TrueType The TrueType bytecode interpreter was turned off in 2.0 Beta 8, and then it was turned off again in 2.0.2. The TrueType bytecode interpreter has been fixed to produce exactly the same output as FreeType 1.x in 2.1.0. The unpatented hinter became default in 2.3.0, which detects the need of the hinter by font name. The ability to detect patented bytecode instructions and toggling of unpatented hinter were added in 2.3.5. The TrueType bytecode interpreter was enabled by default in 2.4.0. TrueType subpixel hinting support is implemented in 2.4.11. The subpixel hinting mode in version 40 of the bytecode engine was added in 2.6.4, and was disabled in 2.6.5, then enabled by default in 2.7. The 'GETVARIATION' bytecode operator was implemented in 2.7.

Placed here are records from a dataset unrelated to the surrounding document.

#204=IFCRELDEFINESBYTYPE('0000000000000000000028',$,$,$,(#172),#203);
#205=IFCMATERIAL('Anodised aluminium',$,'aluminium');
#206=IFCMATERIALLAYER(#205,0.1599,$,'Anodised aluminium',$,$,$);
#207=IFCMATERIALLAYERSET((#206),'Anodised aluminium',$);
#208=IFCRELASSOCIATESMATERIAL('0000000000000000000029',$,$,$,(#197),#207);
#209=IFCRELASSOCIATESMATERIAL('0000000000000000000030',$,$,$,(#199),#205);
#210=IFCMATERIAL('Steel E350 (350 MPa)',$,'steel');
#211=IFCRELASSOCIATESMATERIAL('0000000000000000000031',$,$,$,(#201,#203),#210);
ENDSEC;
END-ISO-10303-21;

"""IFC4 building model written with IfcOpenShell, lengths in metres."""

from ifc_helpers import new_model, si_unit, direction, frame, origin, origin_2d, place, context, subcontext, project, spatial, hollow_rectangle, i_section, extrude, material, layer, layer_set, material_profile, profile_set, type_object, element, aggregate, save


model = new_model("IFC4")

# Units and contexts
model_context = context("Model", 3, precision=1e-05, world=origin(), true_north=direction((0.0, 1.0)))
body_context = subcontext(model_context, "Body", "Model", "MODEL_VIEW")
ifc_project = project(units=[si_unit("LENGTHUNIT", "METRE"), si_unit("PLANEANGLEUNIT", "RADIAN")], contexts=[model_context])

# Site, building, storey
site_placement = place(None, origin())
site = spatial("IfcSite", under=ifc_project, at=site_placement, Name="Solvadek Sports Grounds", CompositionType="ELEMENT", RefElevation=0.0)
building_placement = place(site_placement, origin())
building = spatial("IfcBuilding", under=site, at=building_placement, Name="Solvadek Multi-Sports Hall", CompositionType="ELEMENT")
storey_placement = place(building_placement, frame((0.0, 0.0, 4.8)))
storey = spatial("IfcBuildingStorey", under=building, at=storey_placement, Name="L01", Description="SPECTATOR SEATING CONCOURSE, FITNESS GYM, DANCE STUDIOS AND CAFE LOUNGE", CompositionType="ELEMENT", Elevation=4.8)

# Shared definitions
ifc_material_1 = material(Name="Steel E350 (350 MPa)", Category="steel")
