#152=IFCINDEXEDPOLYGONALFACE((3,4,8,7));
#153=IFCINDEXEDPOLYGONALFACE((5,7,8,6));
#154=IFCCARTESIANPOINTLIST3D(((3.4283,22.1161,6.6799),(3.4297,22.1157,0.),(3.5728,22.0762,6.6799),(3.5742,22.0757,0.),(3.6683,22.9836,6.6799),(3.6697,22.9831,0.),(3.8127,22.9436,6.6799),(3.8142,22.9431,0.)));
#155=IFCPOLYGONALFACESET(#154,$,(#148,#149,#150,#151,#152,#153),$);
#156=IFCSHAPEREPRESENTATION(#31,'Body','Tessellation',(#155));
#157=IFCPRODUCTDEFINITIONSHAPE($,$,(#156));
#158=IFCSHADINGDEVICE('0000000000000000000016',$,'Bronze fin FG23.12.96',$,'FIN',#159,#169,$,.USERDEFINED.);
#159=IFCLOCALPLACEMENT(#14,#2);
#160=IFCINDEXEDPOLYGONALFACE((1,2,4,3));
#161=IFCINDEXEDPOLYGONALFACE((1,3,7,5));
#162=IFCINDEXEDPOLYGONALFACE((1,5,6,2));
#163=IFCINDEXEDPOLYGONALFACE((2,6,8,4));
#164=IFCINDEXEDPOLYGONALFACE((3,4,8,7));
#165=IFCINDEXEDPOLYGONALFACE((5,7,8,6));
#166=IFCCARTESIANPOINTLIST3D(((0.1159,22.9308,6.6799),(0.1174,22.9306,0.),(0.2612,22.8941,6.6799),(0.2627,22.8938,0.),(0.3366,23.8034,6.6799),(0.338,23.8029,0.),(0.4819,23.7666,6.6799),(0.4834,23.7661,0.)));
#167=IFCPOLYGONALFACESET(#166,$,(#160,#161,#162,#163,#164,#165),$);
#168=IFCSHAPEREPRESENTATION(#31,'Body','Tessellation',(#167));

PostScript The PostScript hinter was removed in 2.0.5. A new PostScript hinter was introduced in 2.0.6 to support native hints in PostScript Type 1, PostScript CID, and CFF/CEF. The hinting engine was updated in 2.1.3. A new CFF parsing and hinting engine by Dave Arnold was introduced in 2.4.12. 2.5.0.1 enables this by default. The old CFF engine was disabled by default. CFF stem darkening can be configured via 'darkening-parameters' property. The CFF Stem darkening behaviour became configurable at build time in 2.5.4. The CFF operator 'random' is supported in 2.8, completing support of all CFF opcodes. The ability to control pseudo-random number generation for the 'random' operator was added in 2.8. Support of Type 1 font using Adobe CFF engine was added in 2.9. Starting in 2.9, PostScript names for named instances in a variation font is changed to algorithmically-derived PostScript name by default, unless the named instance is set with 'FT_Set_Named_Instance' and the font has corresponding entries in its 'fvar' table.

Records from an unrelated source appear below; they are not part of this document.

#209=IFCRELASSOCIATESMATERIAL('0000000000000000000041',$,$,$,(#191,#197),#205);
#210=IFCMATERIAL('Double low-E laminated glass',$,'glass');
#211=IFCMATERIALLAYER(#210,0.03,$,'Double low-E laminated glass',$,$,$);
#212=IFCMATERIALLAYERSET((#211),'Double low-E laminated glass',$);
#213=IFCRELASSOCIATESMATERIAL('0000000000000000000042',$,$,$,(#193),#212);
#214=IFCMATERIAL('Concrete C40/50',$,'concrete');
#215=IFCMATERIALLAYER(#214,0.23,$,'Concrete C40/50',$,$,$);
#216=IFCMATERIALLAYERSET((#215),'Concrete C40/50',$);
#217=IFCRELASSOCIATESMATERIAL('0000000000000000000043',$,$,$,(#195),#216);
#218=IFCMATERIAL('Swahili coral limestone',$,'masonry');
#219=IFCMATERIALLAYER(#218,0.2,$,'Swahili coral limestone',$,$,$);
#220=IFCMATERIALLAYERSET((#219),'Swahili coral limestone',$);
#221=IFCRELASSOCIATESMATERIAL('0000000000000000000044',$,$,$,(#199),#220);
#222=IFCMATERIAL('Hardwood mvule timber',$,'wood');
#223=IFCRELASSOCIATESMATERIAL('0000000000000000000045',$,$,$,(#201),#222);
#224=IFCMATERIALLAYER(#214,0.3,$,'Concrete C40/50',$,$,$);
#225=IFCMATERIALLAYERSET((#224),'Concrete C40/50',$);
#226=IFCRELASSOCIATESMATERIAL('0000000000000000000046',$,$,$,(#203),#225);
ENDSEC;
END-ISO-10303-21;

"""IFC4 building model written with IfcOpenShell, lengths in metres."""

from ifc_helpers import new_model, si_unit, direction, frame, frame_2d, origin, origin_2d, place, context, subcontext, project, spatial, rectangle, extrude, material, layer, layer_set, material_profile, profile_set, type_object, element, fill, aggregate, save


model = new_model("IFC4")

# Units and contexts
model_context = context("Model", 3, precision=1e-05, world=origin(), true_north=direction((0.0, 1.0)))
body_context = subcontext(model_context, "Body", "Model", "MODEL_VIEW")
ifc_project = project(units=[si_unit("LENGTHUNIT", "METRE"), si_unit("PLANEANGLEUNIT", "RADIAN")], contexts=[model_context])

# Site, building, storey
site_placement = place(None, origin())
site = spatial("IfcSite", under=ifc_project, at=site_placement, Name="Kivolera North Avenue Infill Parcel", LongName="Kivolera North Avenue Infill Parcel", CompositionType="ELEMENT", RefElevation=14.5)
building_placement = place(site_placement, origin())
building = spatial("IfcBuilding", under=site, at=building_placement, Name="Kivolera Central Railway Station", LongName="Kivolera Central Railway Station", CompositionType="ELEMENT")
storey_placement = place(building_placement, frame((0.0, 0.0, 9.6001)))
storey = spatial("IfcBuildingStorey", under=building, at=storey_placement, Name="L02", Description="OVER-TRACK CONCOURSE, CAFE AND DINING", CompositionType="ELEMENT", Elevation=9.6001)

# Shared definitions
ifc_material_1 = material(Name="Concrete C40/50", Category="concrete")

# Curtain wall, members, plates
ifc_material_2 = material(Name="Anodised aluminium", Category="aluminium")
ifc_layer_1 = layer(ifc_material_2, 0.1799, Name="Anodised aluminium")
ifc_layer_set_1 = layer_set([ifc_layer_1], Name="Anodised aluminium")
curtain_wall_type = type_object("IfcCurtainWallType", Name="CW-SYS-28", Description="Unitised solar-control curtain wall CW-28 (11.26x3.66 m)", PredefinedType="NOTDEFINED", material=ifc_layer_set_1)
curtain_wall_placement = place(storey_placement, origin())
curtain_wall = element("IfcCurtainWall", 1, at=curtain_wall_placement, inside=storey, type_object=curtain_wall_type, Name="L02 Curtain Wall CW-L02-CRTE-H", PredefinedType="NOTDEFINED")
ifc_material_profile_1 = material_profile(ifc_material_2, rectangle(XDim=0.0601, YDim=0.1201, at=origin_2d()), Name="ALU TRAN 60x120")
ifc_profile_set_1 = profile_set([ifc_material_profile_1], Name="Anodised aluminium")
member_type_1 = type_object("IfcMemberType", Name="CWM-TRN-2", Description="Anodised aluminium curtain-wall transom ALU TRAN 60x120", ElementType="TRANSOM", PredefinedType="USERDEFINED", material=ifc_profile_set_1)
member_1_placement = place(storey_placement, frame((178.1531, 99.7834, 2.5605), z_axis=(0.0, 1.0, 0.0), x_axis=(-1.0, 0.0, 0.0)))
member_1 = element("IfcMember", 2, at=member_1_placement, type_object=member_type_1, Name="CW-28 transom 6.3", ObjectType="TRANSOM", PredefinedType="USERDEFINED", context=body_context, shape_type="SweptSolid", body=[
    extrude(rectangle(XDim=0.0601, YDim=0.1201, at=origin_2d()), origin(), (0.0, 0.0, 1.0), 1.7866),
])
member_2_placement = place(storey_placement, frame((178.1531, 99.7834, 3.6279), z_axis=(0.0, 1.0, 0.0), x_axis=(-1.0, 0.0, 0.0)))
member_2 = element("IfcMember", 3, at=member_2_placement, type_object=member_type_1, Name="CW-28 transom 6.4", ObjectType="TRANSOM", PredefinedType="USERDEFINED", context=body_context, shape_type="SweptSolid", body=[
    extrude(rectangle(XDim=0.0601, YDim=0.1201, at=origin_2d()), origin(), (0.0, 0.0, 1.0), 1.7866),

Auto-hinter New auto-hinting module was added in 2.0 Beta 8. Hinting engine was updated in 2.1.3. In 2.1.8, autohinting is disabled for glyphs that are vertically distorted or mirrored. Auto-hinter was replaced by auto-fitter in FreeType 2.1.10. A new algorithm for CJK fonts was introduced in FreeType 2.2, based on Akito Hirai's patch. It only works for fonts with a Unicode character map. Improved support for serifs, corner cases, and spacing adjustments were introduced in 2.3.2. When computing blue zones, single-point contours are ignored in 2.3.3. In 2.3.5, default hinter for non-Latin scripts was switched to CJK hinting module. In 2.4.5, if automatic hinting is not explicitly disabled, Auto-hinter is used if a TrueType-based font doesn't contain native hints. In 2.5.1, Auto-hinter rendering for TrueType fonts was improved, especially in the range 20–40 ppem. Support of HarfBuzz library 0.9.19 or newer was added in 2.5.3. Auto-hinting was added to Devanagari and Telugu (experimental) scripts in 2.5.4. Auto-hinting was added to Arabic and Thai scripts in 2.6. Auto-hinting was added to Lao script, with Arabic script support being enhanced in 2.6.1. Stem darkening was added in 2.6.2 but disabled by default. Auto-hinting was added to Armenian, Cherokee, Ethiopic, Georgian, Gujarati, Gurmukhi, Malayalam, Sinhala, Tamil scripts in 2.6.4. Auto-hinting was added to Adlam, Avestan, Bamum, Buhid, Carian, Chakma, Coptic, Cypriot, Deseret, Glagolitic, Gothic, Kayah, Lisu, N'Ko, Ol Chiki, Old Turkic, Osage, Osmanya, Saurashtra, Shavian, Sundanese, Tai Viet, Tifinagh, Unified Canadian Syllabics, Vai in 2.8. Disabled 'Light' auto-hinting mode using TrueType metrics for TrueType fonts by default in 2.8. A mode to display light auto-hinting with sub-pixel positioning was added to 'ftdiff' in 2.8. In 2.9.1, auto-hinter script ranges were updated for Unicode 11, with new scripts for Georgian Mtavruli.

File formats

Adobe's new SING Glyphlet format was introduced in FreeType 2.2.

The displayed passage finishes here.